Halloween II (2009)
Reviewed by Andrew Kasch
Starring Scout Taylor Compton, Tyler Mane, Malcolm McDowell, Danielle Harris
Directed by Rob Zombie
“Fuck! Fuck! Fuck! Fuck! Fuck! Fuck!”
That’s an average line spoken in Halloween II, sometimes – and I’m not kidding – for minutes at a time. From the overuse of profanity, trailer trash stereotypes, gratuitous use of cameos and angelic images of Sheri Moon, it's as though Rob Zombie listened to every complaint about his remake and amped it up for this badly self-indulgent sequel. Is it out of spite for his critics, or is it because the man just can’t do anything else? Regardless, Halloween II is every bit as pointless a sequel to the first as that film was a pointless remake of the John Carpenter classic.
It’s pretty clear in the first twenty minutes that Zombie has already run out of story ideas and is simply stringing his characters along just for the sake of making a sequel. Things start off okay enough with a near-catatonic Laurie Strode rushed to Haddonfield Hospital in the bloody aftermath of Michael Myers’ rampage. Unfortunately the coroners didn’t think to remove the “dead” Myers’ mask and check for a pulse, and he quickly rises to go after his kid sister. There’s an abridged version of the original Halloween II hospital rampage as Myers stalks Laurie that’s well shot and ratchets up some decent tension. But it’s all for naught because Zombie decides to make the first act an elaborate dream sequence. So much for stakes.
We catch up with Laurie a year later. She’s traumatized, morphed into a grunge chick and Margot Kidder is her therapist (so you know she’s really fucked). She lives in the secluded backwoods with surviving pal Annie (Danielle Harris) and even has slutty replacement friends to fill out the body count portion. But Michael Myers, now dressed head-to-toe in homeless rags and sporting a ZZ Top beard, has spent the past year living in the wild somewhere far away and decides it's time to go after his sister once again. Tis the season…

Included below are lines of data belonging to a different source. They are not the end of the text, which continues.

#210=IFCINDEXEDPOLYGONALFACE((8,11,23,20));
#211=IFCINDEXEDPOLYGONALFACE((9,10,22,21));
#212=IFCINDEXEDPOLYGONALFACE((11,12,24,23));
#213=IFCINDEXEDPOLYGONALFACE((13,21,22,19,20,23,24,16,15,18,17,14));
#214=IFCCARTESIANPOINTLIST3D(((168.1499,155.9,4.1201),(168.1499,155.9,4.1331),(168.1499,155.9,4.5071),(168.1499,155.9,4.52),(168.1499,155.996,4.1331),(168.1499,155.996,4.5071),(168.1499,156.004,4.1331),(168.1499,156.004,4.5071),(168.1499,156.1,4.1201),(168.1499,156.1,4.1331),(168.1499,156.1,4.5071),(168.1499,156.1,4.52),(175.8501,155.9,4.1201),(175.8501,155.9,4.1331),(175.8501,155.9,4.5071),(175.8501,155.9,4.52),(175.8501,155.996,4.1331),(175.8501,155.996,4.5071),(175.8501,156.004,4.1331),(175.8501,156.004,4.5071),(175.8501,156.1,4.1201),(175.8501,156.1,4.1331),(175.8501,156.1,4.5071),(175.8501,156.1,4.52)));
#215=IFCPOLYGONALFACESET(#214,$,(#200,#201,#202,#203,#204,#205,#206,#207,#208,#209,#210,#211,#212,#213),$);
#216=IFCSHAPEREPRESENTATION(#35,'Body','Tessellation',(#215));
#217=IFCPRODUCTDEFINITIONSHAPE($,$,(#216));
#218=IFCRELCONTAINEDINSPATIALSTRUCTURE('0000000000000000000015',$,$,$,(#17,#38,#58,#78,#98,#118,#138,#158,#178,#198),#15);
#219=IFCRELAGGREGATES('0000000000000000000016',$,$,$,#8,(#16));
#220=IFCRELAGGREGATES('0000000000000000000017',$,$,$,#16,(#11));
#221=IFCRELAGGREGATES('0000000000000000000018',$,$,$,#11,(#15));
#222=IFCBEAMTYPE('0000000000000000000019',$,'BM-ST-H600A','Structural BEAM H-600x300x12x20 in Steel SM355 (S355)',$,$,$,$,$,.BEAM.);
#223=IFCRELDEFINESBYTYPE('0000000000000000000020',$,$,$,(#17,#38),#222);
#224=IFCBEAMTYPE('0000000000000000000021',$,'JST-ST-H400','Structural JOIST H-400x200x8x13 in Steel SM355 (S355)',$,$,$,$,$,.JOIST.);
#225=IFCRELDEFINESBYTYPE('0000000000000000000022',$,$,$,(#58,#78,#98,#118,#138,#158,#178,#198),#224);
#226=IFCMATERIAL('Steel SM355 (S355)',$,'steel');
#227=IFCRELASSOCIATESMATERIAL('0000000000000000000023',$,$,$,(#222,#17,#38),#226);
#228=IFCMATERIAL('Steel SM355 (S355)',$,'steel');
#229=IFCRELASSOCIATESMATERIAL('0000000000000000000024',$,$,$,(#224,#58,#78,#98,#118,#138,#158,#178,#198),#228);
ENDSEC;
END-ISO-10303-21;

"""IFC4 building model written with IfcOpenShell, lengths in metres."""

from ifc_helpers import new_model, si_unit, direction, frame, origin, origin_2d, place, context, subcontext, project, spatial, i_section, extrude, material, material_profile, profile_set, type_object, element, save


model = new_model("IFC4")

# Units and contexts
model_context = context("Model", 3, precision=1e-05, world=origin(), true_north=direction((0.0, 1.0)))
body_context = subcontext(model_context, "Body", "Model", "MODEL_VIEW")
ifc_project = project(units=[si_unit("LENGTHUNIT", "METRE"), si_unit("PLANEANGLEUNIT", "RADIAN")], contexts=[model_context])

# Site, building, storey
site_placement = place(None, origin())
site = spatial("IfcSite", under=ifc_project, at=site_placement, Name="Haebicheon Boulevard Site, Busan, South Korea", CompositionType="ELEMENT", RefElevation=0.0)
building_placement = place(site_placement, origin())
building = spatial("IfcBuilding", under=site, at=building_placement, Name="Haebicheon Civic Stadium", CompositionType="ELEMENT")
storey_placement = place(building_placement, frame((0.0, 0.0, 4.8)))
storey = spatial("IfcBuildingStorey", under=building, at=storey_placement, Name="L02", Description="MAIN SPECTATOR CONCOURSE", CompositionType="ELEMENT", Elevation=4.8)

The maskless Hobo Myers spends about half the film walking through barren fields like we’re watching some Werner Herzog nature documentary. He randomly kills any cameo actor who crosses his path and dons a tattered version of The Shape mask whenever he gets really pissed. In the second half Myers finally shows back up in town and begins systematically knocking off Laurie’s friends all over again. How does he know where she’s hiding? And why does he continue to stealthily bump off everyone around her when he can just go straight for the prize kill? I have no idea.
Meanwhile, Dr, Loomis (a returning Malcolm McDowell) has reached celebrity status with his latest tell-all Myers book and has turned into a cartoonish ego-maniac who hurls insults at journalists and throws diva tantrums (“I’m the NEW Loomis!” he screams when he sees an old photo of himself dressed in Donald Pleasence’s signature trenchcoat). The return of Loomis really serves no purpose other than to vocalize Zombie’s anger towards fans and critics, but McDowell is clearly having fun with the character, and his scenery chewing is the only thing that breaks up the boredom of the Laurie/Michael storyline.
It's no surprise the most embarrassing moments belong to Sheri Moon Zombie, who appears alongside a giant white horse (!) in several bad David Lynch-wannabe dream sequences. For reasons unknown both Michael and Laurie are having the same dreams and even witness visions of Young Michael, horrendously played by a new kid actor (Zombie would’ve been better off re-casting an older Daeg Faerch). These rapid-fire music video sequences are so mind-scathingly awful, they border on unintentional hilarity. Everything else in this film is a bloody bore of ancient slasher cliches. Every kill is painfully telegraphed and executed in Zombie’s typical shaky-cam fashion.
The high point of Halloween II is Brad Dourif, who is the only cast member delivering something beyond a two-dimensional performance. He gives a genuinely likable, sympathetic portrayal of Sherriff Brackett, and every time he’s on screen, you can’t help but dream of a better film where a gun-toting Dourif leads a Michael Myers manhunt without the rest of these annoying hick characters.
Of all the films in the Michael Myers franchise, this Halloween II may be the most plodding and thin entry to date. It should also be noted that the classic Halloween theme doesn’t appear once in this film except during the end credits where it is paired with a reprisal of “Love Hurts”. Thanks, Rob.